Certes, si la comparaison saute aux yeux, le parallèlle ne va guère plus loin. Non seulement parce que lesdits gouvernements émanent l’un de la droite, l’autre de la gauche. Mais aussi et surtout parce que leurs extrêmes droites n’ont plus trop de points communs entre elles. Face à un Front national relooké à l’image de sa patronne, le Jobbik hongrois fait bien davantage frémir, milices paramilitaires en tête qui, rappelant de vieux bruits de bottes et arborant des insignes proches de ceux des sinistres Croix fléchées nazi, vont régulièrement semer la terreur auprès des Roms et ne tarissent pas de violents slogans antisémites.  

 

 

Autre différence de taille: la personnalité des deux dirigeants, A ma gauche un François Hollande taxé de mollesse, inodore et sans saveur. A ma droite un Viktor Orbán habile stratège et maître en matière de communication. Mais ... bien peu scrupuleux.

Il faut dire que les affaires ne sont plus si brillantes que par le passé pour le Premier ministre hongrois. Si les données macroéconomiques sembleraient plutôt favorables, la grande majorité des ménages a de plus en plus de mal à joindre les deux bouts face à une minorité outrageusement privilégiée. Mais au-delà et surtout, les proches de Viktor Orbán se trouvent de plus en plus impliqués dans des affaires de corruption. La dernière en date étant liée à la faillite d’une société de courtage (Quaestor) qui a émis pour près de 150 milliards de forints (500 millions d’euros) d’obligations fictives, faisant des dizaines de milliers de victimes parmi les petits épargnants.       

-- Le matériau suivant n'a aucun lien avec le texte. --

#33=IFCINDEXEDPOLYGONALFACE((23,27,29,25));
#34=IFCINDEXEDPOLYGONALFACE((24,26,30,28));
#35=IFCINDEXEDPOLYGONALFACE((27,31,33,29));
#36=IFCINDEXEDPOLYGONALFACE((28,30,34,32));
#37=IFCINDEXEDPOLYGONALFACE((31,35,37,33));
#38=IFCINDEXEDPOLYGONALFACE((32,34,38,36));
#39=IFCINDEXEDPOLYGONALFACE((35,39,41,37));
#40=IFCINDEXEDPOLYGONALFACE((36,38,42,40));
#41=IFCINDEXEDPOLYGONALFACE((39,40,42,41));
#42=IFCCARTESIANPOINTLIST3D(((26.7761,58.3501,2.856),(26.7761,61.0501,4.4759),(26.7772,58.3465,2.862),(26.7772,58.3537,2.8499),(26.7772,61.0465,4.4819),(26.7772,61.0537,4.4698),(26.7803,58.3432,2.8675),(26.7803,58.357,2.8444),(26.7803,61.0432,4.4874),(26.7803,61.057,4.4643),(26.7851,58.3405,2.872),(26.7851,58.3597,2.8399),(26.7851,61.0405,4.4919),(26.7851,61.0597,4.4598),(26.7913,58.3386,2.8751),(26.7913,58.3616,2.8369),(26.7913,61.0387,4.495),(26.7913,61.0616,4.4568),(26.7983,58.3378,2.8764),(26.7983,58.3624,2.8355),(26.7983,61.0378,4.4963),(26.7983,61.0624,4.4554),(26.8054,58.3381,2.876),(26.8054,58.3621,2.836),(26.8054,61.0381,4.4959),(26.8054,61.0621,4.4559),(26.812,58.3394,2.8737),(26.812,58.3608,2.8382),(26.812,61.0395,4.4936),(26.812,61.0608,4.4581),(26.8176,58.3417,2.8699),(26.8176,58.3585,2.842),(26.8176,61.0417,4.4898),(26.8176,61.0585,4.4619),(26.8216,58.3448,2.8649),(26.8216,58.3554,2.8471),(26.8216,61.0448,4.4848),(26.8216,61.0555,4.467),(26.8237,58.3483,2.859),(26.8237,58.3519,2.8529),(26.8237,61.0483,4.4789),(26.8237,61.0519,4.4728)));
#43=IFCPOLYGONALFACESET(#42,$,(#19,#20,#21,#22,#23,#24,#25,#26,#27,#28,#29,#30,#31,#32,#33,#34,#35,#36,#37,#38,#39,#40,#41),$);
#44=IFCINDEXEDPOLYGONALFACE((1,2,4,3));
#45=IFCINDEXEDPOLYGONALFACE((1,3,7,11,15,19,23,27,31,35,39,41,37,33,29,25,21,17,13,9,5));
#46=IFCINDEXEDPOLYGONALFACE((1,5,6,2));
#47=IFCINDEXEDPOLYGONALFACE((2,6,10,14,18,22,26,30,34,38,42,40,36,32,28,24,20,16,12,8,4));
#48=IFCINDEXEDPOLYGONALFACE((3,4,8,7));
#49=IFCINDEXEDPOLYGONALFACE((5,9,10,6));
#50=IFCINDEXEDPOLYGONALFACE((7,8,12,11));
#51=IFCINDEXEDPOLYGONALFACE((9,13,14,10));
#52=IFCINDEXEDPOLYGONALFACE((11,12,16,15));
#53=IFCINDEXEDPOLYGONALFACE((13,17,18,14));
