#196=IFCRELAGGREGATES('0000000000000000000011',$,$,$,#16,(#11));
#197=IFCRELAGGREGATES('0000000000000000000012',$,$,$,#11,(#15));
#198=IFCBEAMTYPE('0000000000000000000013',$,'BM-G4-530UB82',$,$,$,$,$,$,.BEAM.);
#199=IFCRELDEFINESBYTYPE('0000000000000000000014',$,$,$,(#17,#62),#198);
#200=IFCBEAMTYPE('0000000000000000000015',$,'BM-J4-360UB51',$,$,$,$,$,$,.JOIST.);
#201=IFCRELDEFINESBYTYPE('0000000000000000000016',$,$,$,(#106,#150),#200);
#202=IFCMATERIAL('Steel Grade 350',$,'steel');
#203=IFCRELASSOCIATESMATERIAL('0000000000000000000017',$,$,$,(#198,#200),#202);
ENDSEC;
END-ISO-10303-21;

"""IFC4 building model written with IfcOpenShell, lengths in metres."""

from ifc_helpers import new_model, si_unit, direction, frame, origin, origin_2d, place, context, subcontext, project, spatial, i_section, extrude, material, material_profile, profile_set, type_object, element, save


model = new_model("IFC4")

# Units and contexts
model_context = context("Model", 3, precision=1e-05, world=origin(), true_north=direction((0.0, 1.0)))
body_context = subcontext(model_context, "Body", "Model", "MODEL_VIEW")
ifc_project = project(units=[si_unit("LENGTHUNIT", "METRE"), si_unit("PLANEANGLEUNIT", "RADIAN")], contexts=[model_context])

Résultat: perte de sièges lors des deux dernières élections partielles, avec notamment l’élection d’un  député du Jobbik (extrême droite) en remplacement d’un député du Fidesz (parti d’Orbán) et perte au Parlement de la majorité des deux tiers.

 

 

La réaction du Premier ministre ne s’est pas fait attendre. Lancement d’une campagne populiste visant à faire oublier les affaires de corruption en cours et à récupérer une partie de son électorat passé à l’extrême droite. Sur des thèmes qui ont toutes chances de plaire: l’immigration et la peine de mort.

Sur le premier point, le gouvernement vient de mettre au point un questionnaire qui va être posté à 8 millions de citoyens. Derrière les 12 questions posées sont entre autres suggérées la mise en détention et l’expulsion des immigrants illégaux, ou encore l’obligation faite aux migrants de participer aux frais de leur détention par un travail forcé. Des questions qui vont sans doute plaire à beaucoup, d’autant qu’elles laissent clairement entendre que le terrorisme serait lié à l’immigration - ce qui est on ne peut plus faux - et  que les coûts liés à l’immigration seraient mieux utilisés pour favoriser la natalité auprès des jeunes ménages hongrois. Le tout agrémenté de critiques non voilées vis-à-vis de l’Europe. Bref, tout pour plaire! Et qui va mettre encore davantage d’huile sur le feu dans un pays déjà refermé sur lui-même et de plus en plus isolé... 

Un pays qui souffre au contraire d’une forte émigration avec près d’un demi million de jeunes partis pour l’étranger depuis l’arrivée de Viktor Orbán au pouvoir. Un pays confronté, certes, à l’arrivée de réfugiés, notamment en provenance du Kosovo, mais sans aucun rapport avec ce que connaissent ses voisins de l’Ouest. Sans oublier que tout au long de l’Histoire, de nombreux Hongrois ont eux-mêmes trouvé refuge à l’étranger, notamment en 1956.    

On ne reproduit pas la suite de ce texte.